SH21B-2403
New Publicly Available EEGGL Tool for Simulating Coronal Mass Ejections.

Tuesday, 15 December 2015
Poster Hall (Moscone South)
Igor Sokolov1, Ward Manchester1, Bart van der Holst2, Tamas I Gombosi3, Meng Jin4, Richard Mullinix5, Aleksandre Taktakishvili6, Anna Chulaki7 and Gabor Toth1, (1)University of Michigan Ann Arbor, Ann Arbor, MI, United States, (2)University of Michigan Ann Arbor, Departament of Climate and Space Sciences and Engineering, Ann Arbor, MI, United States, (3)Univ of Michigan, Ann Arbor, MI, United States, (4)Lockheed Martin Solar and Astrophysics Laboratory, Palo Alto, CA, United States, (5)NASA Goddard Space Flight Center, Greenbelt, MD, United States, (6)NASA GSFC, Greenbelt, MD, United States, (7)NASA/GSFC, Greenbelt, MD, United States
Abstract:
We present and demonstrate a new tool, EEGGL (Eruptive Event Generator using Gibson-Low configuration) for simulating CMEs (Coronal Mass Ejections).

CMEs are among the most significant space weather events, producing the radiation hazards (via the diffuse shock acceleration of the Solar Energetic Particles – SEPs), the interplanetary shock waves as well as the geomagnetic activity due to the drastic changes of the interplanetary magnetic field within the “magnetic clouds” ("flux ropes”). Some of this effects may be efficiently simulated using the “cone model”, which is employed in the real-time simulations of the ongoing CMEs at the NASA-Goddard Space Flight Center. The cone model provides a capability to predict the location, time, width and shape of the hydrodynamic perturbation in the upper solar corona (at ~0.1 AU), which can be used to drive the heliospheric simulation (with the ENLIL code, for example). At the same time the magnetic field orientation in this perturbation is uncertain within the cone model, which limits the capability of the geomagnetic activity forecast. The new EEGGL tool http://ccmc.gsfc.nasa.gov/analysis/EEGGL/recently developed at the Goddard Space Flight Center in collaboration with the University of Michigan provides a new capability for both evaluating the magnetic field configuration resulting from the CME and tracing the CME through the solar corona. In this way not only the capability to simulate the magnetic field evolution at 1 AU may be achieved, but also the more extensive comparison with the CME observations in the solar corona may be achieved.
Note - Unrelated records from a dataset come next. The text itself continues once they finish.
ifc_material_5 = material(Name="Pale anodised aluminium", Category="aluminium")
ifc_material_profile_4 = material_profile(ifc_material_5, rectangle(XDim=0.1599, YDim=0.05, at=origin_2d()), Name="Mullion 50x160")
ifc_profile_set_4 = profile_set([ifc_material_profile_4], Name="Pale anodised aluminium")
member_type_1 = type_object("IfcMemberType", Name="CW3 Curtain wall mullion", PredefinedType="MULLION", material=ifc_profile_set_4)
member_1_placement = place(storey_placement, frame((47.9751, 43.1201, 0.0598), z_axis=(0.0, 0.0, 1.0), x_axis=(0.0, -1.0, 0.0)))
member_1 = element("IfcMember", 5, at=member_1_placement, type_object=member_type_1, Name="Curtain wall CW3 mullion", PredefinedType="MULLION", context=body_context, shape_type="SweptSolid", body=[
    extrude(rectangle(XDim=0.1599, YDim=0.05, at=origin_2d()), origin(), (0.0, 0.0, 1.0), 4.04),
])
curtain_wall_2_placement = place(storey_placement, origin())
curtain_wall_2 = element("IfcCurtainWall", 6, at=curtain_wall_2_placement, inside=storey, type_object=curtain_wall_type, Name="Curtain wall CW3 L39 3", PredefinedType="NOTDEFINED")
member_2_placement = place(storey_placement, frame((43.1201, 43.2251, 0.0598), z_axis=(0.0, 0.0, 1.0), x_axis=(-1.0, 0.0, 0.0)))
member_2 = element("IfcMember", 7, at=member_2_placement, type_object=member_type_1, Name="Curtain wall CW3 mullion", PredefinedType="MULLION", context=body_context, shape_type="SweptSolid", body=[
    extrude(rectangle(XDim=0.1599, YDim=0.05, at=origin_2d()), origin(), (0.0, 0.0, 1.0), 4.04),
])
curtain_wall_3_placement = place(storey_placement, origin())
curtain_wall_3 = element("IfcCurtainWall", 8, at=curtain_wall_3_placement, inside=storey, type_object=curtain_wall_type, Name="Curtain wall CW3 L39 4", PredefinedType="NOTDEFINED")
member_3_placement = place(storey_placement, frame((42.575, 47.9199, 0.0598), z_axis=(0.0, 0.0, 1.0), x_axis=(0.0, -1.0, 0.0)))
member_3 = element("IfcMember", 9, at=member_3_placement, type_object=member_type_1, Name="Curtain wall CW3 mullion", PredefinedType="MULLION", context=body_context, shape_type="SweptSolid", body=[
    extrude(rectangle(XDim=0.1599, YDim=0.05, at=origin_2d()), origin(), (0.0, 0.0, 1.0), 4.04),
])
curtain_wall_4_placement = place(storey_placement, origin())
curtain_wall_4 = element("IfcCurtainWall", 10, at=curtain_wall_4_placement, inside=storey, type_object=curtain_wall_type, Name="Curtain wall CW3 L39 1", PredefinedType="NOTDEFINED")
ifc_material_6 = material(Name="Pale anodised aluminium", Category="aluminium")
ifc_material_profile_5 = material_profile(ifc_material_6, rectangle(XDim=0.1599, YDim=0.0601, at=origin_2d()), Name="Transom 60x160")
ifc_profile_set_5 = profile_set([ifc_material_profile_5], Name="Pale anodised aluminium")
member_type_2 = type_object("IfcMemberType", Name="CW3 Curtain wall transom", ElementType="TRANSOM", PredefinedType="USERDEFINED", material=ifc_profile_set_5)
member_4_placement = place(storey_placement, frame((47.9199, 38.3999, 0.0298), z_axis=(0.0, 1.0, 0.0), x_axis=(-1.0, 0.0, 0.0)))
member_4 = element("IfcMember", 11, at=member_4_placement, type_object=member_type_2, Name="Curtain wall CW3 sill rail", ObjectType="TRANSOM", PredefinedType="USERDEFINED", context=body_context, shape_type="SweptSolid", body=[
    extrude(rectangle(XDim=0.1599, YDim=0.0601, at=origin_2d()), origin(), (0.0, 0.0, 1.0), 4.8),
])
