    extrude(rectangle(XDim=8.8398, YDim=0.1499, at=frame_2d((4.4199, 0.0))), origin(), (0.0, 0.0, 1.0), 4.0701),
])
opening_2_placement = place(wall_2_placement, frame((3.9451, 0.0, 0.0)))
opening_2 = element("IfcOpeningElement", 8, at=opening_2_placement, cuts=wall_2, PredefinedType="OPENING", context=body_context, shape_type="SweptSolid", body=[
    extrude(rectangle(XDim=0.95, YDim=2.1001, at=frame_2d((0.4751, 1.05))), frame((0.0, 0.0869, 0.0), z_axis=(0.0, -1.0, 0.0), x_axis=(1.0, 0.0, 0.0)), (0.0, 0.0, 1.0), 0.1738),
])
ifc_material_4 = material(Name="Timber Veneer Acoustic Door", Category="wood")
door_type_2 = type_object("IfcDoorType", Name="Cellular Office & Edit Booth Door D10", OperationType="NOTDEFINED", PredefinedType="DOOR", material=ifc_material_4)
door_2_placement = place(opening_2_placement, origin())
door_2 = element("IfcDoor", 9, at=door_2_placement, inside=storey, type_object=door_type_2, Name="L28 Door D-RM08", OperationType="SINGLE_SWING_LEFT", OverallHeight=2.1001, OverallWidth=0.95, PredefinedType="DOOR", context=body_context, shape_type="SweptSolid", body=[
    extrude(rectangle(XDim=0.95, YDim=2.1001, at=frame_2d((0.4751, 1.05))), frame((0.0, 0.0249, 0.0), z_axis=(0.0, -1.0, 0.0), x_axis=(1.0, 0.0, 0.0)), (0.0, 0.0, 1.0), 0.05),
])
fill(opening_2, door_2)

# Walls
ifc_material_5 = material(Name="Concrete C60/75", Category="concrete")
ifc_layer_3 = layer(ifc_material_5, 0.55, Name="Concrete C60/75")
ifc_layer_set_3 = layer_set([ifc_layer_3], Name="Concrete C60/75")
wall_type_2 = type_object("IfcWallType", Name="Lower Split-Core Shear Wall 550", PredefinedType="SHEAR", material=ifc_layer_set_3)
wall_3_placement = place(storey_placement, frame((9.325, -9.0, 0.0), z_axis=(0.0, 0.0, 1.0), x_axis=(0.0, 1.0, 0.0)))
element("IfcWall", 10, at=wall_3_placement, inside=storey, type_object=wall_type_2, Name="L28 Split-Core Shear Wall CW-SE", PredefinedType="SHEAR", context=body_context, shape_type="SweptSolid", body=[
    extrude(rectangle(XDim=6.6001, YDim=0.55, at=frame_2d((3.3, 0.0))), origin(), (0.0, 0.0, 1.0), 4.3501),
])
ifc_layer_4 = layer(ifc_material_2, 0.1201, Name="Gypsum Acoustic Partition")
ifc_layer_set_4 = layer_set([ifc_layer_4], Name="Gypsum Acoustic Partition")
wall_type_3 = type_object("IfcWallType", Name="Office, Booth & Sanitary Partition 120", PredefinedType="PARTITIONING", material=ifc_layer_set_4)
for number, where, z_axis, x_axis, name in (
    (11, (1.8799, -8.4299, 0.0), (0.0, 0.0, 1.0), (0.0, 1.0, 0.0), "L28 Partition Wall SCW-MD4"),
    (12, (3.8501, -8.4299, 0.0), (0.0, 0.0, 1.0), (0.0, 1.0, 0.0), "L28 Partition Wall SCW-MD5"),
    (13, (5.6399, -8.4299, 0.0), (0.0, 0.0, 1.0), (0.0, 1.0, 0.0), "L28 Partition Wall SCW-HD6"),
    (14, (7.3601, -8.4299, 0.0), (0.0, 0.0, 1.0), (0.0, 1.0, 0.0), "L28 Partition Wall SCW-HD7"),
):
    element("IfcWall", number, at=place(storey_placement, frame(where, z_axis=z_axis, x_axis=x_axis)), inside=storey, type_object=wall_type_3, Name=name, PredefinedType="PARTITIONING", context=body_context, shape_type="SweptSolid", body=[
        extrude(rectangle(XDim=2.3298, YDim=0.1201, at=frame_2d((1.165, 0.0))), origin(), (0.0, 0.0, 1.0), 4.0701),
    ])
Based on the magnetogram and evaluation of the CME initial location and speed, the user may choose the active region from which the CME originates and then the EEGGL tools provides the parameters of the Gibson-Low magnetic configuration to parameterize the CME. The recommended parameters may be used then to drive the simulation of CME propagation from the low solar corona to 1 AU using the global code for simulating the solar corona and inner heliosphere. The Community Coordinated Modeling Center (CCMC) provides the capability for CME runs-on-request, to the heliophysics community.